I have met many organisations that structure their Data Platform teams vertically, that is, they have a team for data engineering, a team for data modelling, a team for analytics, and so on. This is fine for waterfall delivery but does not support agile delivery, even if each team works agile.
The primary reason that it doesn’t work is that one team wants to complete their work before handing over to the next team and so, even if each team works agile, the result is waterfall, or more specifically Phase-Gate method, with each team acting as the phase-gate: modelling phase, engineering phase, reports & analytics phase and then go live.
To run a data platform, delivering projects using agile you need to run a multidsciplinary agile team where the team is comprised of engineers, modellers, report authors and key business users all working together to produce a final product.
The Multidisciplinary Agile Team
A mutlidisciplinary agile team would look something like the following. Note, the team would also have scrum master – not shown. Also, not every team would need every role. Each role may be filled by more than one person or one person may take on more than one role.

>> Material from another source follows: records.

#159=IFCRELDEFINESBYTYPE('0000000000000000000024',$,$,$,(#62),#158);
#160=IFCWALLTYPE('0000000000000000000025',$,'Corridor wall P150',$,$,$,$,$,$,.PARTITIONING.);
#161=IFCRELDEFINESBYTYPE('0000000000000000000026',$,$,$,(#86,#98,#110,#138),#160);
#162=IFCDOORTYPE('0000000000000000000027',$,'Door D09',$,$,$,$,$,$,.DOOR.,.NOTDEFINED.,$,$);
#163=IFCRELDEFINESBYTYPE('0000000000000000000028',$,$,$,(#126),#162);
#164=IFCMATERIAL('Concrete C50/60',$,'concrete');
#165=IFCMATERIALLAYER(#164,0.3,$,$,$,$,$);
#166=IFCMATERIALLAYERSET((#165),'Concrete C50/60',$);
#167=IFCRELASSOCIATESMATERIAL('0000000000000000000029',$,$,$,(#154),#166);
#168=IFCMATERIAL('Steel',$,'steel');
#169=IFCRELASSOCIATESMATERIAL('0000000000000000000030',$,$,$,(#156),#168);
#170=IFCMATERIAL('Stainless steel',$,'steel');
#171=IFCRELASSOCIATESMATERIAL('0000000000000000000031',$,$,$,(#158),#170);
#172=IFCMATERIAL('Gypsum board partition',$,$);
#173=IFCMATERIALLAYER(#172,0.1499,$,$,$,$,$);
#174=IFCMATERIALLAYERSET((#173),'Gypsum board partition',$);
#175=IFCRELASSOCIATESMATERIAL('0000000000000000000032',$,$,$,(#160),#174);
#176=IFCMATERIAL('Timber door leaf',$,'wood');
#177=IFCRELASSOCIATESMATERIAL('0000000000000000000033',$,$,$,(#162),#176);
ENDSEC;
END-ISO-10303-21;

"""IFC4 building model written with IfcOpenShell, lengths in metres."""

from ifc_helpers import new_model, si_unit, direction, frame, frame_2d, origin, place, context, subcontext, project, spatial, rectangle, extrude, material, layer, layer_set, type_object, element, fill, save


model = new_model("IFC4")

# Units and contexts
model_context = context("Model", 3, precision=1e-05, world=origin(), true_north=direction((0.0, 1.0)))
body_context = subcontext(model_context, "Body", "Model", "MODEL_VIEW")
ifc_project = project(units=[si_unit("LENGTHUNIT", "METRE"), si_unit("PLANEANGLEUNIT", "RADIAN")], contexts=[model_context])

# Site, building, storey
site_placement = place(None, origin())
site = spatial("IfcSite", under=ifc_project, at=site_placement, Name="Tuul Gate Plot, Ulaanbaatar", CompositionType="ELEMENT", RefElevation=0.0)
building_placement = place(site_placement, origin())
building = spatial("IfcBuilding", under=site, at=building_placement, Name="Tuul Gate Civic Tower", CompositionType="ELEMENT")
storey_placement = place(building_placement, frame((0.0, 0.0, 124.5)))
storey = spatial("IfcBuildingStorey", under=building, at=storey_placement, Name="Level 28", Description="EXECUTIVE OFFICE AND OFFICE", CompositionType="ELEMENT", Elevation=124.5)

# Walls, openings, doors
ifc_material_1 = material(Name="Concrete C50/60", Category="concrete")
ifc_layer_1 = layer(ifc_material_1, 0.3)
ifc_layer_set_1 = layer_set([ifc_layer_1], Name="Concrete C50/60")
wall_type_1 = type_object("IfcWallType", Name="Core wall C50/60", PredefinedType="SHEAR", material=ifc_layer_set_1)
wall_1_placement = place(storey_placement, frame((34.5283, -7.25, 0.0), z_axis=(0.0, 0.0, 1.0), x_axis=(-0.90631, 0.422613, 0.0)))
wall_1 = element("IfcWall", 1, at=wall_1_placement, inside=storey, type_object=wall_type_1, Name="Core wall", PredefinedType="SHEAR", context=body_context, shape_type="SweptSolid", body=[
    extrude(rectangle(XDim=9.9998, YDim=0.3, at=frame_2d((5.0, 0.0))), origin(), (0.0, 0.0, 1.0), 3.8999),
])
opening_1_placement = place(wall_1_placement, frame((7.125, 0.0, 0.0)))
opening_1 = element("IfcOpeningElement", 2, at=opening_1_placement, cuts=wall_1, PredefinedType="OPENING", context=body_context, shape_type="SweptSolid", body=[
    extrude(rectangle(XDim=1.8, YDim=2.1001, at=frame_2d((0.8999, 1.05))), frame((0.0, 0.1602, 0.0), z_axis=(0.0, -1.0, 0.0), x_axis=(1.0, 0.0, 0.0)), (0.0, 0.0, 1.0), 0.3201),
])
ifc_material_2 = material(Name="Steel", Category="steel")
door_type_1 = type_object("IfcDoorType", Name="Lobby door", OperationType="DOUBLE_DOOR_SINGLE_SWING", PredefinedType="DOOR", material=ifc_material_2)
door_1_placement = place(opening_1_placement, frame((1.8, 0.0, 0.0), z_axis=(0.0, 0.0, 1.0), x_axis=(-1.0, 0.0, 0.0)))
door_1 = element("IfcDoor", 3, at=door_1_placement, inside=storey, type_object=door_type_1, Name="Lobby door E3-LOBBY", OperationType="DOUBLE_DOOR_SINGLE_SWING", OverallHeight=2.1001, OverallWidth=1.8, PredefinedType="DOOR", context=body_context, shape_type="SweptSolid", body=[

Data Engineer. Develops and maintains data pipelines that ingest, clean, transform and load source data

Operations. If using a DevOps model, responsible for platform operation, toolchains

Data Modeller. Creates and maintains target data models in base and analytical layer.

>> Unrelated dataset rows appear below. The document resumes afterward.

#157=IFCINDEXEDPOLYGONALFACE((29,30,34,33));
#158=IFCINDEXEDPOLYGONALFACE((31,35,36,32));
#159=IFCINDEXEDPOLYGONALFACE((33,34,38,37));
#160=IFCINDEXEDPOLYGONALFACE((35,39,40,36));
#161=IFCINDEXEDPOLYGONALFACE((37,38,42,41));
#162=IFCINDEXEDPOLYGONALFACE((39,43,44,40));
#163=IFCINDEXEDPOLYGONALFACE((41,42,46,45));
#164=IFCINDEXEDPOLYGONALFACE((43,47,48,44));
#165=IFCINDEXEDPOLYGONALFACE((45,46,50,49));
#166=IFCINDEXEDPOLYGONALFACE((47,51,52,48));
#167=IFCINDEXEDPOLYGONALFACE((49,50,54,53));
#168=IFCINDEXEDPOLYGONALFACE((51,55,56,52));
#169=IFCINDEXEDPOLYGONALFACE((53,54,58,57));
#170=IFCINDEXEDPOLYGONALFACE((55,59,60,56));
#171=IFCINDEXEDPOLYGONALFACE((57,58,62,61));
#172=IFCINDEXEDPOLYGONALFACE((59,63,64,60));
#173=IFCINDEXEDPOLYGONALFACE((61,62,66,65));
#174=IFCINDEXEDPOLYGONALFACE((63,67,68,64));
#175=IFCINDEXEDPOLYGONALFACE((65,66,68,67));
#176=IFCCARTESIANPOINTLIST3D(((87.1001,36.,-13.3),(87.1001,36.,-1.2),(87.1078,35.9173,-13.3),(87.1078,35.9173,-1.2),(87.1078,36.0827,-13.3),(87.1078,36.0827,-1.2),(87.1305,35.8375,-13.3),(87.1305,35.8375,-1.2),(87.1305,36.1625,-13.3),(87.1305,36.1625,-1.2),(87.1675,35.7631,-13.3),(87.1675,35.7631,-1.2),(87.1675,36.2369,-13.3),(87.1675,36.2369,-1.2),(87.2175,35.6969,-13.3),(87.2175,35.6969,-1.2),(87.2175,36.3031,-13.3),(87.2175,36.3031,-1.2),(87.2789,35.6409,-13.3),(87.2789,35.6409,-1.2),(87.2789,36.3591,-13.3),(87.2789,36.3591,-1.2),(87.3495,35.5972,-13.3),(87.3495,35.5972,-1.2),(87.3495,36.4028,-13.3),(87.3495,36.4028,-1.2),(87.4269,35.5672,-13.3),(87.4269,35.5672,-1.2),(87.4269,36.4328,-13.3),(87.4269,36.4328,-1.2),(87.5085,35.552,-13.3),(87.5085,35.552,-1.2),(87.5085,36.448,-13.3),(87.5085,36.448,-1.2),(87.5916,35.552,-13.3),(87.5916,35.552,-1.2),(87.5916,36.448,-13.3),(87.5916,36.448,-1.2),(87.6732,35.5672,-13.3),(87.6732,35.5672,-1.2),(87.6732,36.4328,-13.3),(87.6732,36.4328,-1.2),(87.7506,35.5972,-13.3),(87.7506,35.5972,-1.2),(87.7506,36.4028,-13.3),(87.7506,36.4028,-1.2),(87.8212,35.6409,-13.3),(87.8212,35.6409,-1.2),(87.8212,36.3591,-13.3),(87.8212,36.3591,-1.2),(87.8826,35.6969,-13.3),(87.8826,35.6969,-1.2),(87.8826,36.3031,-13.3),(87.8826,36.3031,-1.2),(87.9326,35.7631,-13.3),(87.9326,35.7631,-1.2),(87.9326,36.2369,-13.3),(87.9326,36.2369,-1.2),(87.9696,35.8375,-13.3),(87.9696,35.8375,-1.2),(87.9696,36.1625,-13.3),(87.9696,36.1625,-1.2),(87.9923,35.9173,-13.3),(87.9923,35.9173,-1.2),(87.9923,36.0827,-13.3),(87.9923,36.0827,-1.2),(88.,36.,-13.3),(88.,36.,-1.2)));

Data Owner. Responsible for data governance, both data quality and data access.

Data Analyst. Creates reports and dashboards. Performs ad hoc data requests.

Data Science. Performs advanced analytics using statistical modelling tools or machine learning solutions

Business Analyst. Requirements analysis, performs playbacks to user community. Gathers business definitions of data maintained in Data Catalog

Product Owner. Responsible for overall solution, represents key stakeholders and user community
Larger organisations that need to run several agile teams in parallel can adopt a matrix organisation where the agile team members are pooled from discipline based teams, for example, the engineering team provides engineering resources to the agile teams. Consistency is acheived through an overaarching architecture & design function supported by standards, design patterns, methods centrally maintained and universally applied.
Consumer Based Solution Design
Another critical change is to move to a data consumer based design, that is, start with understanding what reports, analytics, data science models are required and then work backwards to identify the data required. This customer centric approach is a key tenent of the agile method.
The consequence of this is that the overall solution design must also be consumer based, that is, you start with asking what does the analytical solution look like, then what data structures in the data platform support the analytics and then finally what source data is needed and the data engineering to process the data.
To run a truly agile data platform adopt a multidisciplinary agile team and move to a customer centric design approach.